A War on the Court

warIn today’s round of 16 singles at the World Tennis Club, I faced Jeff Thomas, the #10 seed and a big, muscular lefty … and it was A War!

Despite his size, Jeff’s two most effective weapons are his lefty-spin serve and a killer drop shot. He used both very effectively.

The First Set

Although I struggled in every of my service games, we were at 4-4, with eight consecutive service holds, when I was able to break his serve. As often happens, while serving at 5-4 for the first set, I was broken back.

He then struggled, but was able to hold serve; and then he was able to break me again to take the first set 7-5, in just over one hour.

The Second Set

Following the basic advice of Hank Irvine (who showed up to watch later in the match), I asked myself, “What are you going to do about what is happening here?” I decided to:

• Serve and volley more
• After serving and not volleying, to stand two feet inside the base line
• Move him as much as possible side to side
• Return serve in the ad court by standing in the alley

I was able to take control of the match; and took the set at 6-3.

The Third Set

We got new balls and Jeff took a bathroom break; and he came back to break me in my first service game. He then held serve to take a 2-0 lead … and I was questioning whether I had it in me to fight back.

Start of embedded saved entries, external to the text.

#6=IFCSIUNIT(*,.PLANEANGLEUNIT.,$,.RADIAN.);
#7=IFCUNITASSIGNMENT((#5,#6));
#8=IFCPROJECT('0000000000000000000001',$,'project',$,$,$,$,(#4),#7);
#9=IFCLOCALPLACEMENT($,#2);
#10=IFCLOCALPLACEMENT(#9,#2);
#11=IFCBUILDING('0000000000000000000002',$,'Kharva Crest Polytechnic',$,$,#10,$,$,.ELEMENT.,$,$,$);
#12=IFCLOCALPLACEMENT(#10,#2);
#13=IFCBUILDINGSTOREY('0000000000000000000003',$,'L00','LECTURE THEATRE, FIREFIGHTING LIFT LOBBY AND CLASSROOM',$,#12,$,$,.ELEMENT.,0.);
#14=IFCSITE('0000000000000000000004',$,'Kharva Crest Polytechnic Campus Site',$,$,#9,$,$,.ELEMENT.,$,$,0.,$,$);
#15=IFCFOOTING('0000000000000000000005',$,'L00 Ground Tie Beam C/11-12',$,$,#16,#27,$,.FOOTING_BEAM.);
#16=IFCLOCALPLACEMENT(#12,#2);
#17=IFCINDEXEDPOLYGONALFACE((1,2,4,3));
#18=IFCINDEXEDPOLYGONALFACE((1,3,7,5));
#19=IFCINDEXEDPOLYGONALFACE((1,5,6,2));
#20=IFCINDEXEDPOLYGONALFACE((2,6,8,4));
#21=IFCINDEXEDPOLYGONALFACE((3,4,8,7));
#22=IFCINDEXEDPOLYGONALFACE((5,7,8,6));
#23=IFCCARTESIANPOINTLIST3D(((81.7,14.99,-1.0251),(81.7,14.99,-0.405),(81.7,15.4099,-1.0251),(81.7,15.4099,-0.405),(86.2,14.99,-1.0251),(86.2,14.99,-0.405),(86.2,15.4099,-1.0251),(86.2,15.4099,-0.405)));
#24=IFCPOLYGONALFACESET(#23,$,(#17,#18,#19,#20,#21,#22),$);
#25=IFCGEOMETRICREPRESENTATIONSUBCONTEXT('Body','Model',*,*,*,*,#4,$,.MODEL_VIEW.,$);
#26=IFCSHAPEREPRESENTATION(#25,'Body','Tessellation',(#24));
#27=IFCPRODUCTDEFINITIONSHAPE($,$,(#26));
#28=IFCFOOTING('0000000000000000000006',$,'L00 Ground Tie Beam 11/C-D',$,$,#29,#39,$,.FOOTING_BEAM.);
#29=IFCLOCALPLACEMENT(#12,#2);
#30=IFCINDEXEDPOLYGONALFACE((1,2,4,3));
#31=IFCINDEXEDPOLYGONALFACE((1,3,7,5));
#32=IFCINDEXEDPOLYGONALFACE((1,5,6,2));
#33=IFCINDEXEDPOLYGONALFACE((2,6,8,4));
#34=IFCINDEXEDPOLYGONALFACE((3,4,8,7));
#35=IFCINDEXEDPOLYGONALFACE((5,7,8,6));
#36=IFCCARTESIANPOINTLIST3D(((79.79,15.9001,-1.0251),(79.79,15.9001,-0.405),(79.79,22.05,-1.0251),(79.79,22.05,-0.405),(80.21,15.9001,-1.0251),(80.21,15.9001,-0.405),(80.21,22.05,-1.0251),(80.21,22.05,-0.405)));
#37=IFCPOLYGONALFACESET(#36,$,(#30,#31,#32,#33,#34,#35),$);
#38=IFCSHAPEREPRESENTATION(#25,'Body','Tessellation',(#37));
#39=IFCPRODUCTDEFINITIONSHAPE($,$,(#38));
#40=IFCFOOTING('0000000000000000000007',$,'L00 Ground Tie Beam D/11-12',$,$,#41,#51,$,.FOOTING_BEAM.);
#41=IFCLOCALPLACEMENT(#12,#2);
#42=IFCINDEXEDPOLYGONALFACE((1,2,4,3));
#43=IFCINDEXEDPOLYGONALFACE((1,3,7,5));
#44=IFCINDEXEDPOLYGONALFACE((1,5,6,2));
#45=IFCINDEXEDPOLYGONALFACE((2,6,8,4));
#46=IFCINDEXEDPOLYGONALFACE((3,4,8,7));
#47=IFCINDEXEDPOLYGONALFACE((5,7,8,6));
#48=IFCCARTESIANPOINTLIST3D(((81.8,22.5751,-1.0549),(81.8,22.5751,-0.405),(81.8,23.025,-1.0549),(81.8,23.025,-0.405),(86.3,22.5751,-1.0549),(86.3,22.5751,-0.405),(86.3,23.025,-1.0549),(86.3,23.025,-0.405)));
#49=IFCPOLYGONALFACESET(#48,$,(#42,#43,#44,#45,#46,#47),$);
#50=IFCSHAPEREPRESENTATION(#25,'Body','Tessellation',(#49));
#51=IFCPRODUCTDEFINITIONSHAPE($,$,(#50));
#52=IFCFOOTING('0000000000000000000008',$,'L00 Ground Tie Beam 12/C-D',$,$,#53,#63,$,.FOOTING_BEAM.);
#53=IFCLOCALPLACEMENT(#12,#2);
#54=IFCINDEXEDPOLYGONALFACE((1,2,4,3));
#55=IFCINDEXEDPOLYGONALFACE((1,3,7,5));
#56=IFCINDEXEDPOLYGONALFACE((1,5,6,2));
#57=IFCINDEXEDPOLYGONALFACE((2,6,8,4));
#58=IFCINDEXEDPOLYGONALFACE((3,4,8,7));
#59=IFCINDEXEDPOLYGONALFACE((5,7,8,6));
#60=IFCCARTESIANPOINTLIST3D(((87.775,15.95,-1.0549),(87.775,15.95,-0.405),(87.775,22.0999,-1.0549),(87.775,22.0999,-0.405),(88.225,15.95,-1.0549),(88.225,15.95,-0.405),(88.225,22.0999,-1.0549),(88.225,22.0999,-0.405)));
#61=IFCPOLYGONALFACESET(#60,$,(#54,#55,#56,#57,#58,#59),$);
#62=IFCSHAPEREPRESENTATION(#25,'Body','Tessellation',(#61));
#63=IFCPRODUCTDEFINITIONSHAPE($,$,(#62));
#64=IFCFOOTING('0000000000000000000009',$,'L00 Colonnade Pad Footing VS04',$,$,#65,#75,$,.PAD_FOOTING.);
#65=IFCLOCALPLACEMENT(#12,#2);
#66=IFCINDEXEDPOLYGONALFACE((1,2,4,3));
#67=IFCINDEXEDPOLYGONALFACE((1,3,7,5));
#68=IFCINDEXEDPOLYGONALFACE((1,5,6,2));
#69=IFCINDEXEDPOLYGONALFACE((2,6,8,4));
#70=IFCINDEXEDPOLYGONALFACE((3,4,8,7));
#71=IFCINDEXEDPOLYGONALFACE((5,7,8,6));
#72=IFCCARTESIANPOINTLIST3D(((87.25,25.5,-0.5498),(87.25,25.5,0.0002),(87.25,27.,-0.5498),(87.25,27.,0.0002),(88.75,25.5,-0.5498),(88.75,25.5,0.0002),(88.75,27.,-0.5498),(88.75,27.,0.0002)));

But once again going to the steps above, I was able to come “roaring back” (that is really a joke, because neither one of us was “roaring” after over two hours in the heat and humidity). But somehow I won five of the next six games and found myself serving at 5-3 for the match.

His first point was his third net court dribbler of the match (to my zero); and he leveraged that to his critical service break. He then served at 4-5 to stay in the match and, although I had five break points, he held to bring it to 5-5 in the third set.

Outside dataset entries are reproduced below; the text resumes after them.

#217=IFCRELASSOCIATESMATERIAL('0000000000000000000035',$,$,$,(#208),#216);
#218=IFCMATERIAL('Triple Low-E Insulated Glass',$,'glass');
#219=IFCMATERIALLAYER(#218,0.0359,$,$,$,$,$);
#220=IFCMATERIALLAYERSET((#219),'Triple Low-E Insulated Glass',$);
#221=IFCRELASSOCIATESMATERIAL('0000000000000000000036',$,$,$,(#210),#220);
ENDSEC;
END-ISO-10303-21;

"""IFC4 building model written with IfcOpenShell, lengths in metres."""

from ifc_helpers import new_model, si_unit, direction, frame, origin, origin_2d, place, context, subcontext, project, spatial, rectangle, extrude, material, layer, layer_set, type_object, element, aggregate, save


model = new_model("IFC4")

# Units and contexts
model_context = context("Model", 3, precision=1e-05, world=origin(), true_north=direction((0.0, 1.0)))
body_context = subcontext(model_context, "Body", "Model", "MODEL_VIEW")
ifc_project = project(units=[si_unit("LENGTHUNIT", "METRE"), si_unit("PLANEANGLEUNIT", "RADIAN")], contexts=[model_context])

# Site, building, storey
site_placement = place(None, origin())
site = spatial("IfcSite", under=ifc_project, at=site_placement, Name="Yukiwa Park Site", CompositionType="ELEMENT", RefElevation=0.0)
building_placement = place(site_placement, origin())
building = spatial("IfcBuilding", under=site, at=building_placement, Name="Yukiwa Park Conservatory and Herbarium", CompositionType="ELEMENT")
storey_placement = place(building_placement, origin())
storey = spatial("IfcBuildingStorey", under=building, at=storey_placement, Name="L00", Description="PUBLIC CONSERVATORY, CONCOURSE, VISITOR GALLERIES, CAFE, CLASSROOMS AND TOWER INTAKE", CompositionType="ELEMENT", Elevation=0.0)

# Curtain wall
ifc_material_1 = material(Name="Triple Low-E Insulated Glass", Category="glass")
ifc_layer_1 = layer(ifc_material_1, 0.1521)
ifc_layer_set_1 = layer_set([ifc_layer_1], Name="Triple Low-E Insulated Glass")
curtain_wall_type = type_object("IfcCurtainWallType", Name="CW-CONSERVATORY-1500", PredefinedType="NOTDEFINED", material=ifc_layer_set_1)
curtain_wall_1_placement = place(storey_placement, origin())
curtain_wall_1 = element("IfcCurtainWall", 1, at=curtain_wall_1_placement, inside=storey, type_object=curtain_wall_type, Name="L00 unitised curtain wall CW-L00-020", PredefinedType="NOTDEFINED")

Hank Irvine asked me through the fence, “Are you tired?” and I responded “Very!” But somehow I was able to hold serve and force him to serve at 5-6 to extend the match.

At that stage, after three hours, his strokes finally broke down and he made three consecutive unforced errors. I forced the last point by coming to the net and he hit it into it.

5-7, 6-3, 7-5… three hours.

P.S. Hank’s post-game advice was that i should have done what i did TO THE EXTREME, standing way wide and in close to return serve.

Tomorrow (assuming I don’t cramp up totally) I play Doug McCrea, who upset #5 Clive Kileff, in the quarters.

For all the results and the full draw, please click HERE

If you are not on my “new posting alert email list” and want to be (I promise, no other uses of your email address!), just drop me a note at George@seniortennisandfitness.com

8 thoughts on “A War on the Court

  1. great win George–hydrate like all hell and best of luck tomorrow!!

    Doc, Thanks. I am drinking water as I write! George

  2. Congratulations George!

    What a match!

    Good luck going forward.


    Thanks Phil… George

  3. George,

    Great match. I always enjoy your posts. I retire to Florida in 70 days, so hope to see some of the Newks Camp guys in future tournaments. I played doubles with Rich at the last camp (Wankers) and can attest to his tenacity.

    Best of luck for the rest of the tournament.

    Dave – where in florida? george

  4. Way to go George! You won this battle both mentally and physically now you need to win the war. Good Luck!

  5. George-
    Great match, and it really is a war….the tough part of it is that you’ve now earned the right to do it all over again tomorrow!
    Stretch like crazy and hydrate. Good luck.

  6. George,

    Saw where you lost a tough match to “a sleeper”. Will be in The Villages, FL on 1 April. So to see you and some of the guys after my wife and I get settled.